Edelman would later attach his own labels to these three stages:
  1. Perceptual categorization
  2. Presyntax
  3. Time-consciousness (actually a term used by Husserl)
He also gave them in a different order in his own gradus to the Parnassum of consciousness, postulating time-consciousness as a precondition for syntax.

Cassirer then proposed a parallel set of three stages through which linguistic behavior develops, described by Schutz as follows:
  1. It is first mimic expression, imitation of the sensuous perception by sound, so characteristic of the language of the child and primitive man.

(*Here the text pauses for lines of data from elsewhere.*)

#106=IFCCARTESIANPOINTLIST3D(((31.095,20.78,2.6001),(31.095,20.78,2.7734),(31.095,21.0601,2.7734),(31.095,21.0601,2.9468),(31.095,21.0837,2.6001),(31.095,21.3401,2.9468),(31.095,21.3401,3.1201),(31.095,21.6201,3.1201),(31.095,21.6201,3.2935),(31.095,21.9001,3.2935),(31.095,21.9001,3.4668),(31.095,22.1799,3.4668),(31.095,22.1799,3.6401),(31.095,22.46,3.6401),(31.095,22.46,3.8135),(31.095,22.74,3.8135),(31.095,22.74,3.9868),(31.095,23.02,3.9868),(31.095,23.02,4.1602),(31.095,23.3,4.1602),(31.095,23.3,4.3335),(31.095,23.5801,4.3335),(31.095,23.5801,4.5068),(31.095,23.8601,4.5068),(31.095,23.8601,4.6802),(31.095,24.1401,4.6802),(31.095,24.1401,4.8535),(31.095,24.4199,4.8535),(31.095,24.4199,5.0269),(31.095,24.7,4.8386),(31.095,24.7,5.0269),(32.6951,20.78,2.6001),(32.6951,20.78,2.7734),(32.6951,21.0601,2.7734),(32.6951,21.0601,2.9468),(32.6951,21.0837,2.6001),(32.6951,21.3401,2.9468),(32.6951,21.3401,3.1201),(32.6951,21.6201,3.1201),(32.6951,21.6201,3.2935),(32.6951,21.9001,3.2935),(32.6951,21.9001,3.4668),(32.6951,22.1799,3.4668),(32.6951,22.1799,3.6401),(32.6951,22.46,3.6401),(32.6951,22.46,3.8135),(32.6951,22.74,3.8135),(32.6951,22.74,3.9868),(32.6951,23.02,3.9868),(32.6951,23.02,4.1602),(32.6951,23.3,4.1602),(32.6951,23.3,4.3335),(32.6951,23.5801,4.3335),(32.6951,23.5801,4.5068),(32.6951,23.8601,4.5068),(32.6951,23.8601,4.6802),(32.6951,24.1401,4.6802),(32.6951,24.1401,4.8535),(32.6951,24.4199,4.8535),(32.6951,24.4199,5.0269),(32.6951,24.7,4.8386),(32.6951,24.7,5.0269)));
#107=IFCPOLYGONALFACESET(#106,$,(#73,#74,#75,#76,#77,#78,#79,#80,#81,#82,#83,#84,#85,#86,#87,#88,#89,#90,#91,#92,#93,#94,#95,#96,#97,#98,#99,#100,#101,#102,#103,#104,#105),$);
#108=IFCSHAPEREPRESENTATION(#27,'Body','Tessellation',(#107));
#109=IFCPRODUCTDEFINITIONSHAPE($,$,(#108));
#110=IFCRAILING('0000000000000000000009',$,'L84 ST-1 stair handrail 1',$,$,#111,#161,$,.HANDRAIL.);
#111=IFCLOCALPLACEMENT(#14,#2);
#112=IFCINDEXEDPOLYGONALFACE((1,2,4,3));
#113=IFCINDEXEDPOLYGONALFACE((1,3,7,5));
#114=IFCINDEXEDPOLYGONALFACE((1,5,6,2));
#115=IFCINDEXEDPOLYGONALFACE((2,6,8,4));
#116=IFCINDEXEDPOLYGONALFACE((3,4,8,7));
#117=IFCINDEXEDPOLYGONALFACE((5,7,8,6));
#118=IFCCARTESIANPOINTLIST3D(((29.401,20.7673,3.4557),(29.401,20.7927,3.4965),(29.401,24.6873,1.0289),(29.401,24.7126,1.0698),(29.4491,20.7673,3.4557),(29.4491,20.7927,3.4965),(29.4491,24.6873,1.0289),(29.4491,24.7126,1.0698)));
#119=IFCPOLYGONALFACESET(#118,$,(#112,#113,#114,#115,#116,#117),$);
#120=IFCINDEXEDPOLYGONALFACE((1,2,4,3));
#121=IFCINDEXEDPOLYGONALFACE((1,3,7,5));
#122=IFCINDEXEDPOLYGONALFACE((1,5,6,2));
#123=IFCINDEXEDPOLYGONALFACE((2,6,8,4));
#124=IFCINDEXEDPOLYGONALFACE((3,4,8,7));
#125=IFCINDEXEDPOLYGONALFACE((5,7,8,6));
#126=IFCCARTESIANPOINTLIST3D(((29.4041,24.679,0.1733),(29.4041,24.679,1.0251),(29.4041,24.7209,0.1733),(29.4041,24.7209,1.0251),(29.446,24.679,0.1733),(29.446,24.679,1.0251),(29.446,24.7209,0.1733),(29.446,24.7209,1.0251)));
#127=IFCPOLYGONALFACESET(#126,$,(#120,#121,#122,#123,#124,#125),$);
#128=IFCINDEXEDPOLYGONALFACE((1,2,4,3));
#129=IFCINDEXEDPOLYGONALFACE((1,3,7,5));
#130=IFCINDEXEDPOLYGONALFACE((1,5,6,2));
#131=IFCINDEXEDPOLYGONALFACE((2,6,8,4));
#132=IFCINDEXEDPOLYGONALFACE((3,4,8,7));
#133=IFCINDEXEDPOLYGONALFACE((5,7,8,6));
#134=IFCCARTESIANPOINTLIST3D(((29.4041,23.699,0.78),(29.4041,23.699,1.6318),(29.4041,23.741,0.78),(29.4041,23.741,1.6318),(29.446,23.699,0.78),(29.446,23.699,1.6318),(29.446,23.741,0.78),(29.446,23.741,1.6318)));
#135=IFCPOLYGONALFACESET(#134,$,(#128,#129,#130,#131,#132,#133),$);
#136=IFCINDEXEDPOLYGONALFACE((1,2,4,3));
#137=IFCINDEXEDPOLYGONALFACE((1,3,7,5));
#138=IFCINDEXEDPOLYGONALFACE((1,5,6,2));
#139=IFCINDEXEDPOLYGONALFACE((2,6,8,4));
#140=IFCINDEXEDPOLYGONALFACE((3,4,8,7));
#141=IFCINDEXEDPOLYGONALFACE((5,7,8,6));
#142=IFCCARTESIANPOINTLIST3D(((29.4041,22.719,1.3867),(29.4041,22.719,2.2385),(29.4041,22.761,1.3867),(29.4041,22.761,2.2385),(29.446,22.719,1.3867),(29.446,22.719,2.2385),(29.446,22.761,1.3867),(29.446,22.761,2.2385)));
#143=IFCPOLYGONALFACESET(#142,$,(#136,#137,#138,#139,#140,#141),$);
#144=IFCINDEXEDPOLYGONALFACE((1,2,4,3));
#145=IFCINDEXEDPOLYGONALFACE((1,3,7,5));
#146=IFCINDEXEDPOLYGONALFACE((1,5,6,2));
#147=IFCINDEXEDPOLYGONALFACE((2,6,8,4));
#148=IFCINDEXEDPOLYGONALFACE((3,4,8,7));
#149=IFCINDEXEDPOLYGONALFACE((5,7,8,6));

  2. The second level is that of analogical expression.  Here the relationship between sound and designated content is not a of material nature, but that of an analogy of formal structure.
  3. Only the third level is that of symbolic expression proper.
What makes this interesting is that, in The Remembered Present, Edelman never really gets beyond viewing language as “mimic expression,” engaged in the service of “primary consciousness.”  Thus, what makes Cassirer particularly interesting (at least to me) is that he explicitly recognized the need to establish a bridge between basic perceptual categorization (what Hayek called our capacity for “sensory order”) and our ability to work with symbolic forms (the theme of all four of his volumes).  Neither Hayek nor Edelman explicitly addressed that capacity, and I now feel more than a little sheepish for not having noticed that omission on their parts.

I suppose this revelation has been particularly important to me because that capacity for working with symbolic forms is equally important in the performance of music.  Indeed, it may well be that the distinction between “authentic reproduction” and imitation, in the Aristotelian sense of that word, can be attributed entirely (or at least almost entirely) to the intervention of symbolic forms during the act of performance.  This intervention probably does not involve a direct appeal to semiotic theories that try to sort everything into signifiers and signifieds.  In all likelihood semantic signification never enters into the equation.  Nevertheless, music notation is basically a set of symbolic forms without which music cannot be made.  I might even advance the radical hypothesis that, even when musicians are playing by ear, their very mindset presumes a context grounded on those symbolic forms (which may be one reason why Keith Richards could never properly get that guitar riff that Chuck Berry insisted he play in that episode in Taylor Hackford’s film, Chuck Berry:  Hail! Hail! Rock ’n’ Roll).  Now all I need to do is find the right window of time in which I can turn to a more disciplined reading of Cassirer’s texts!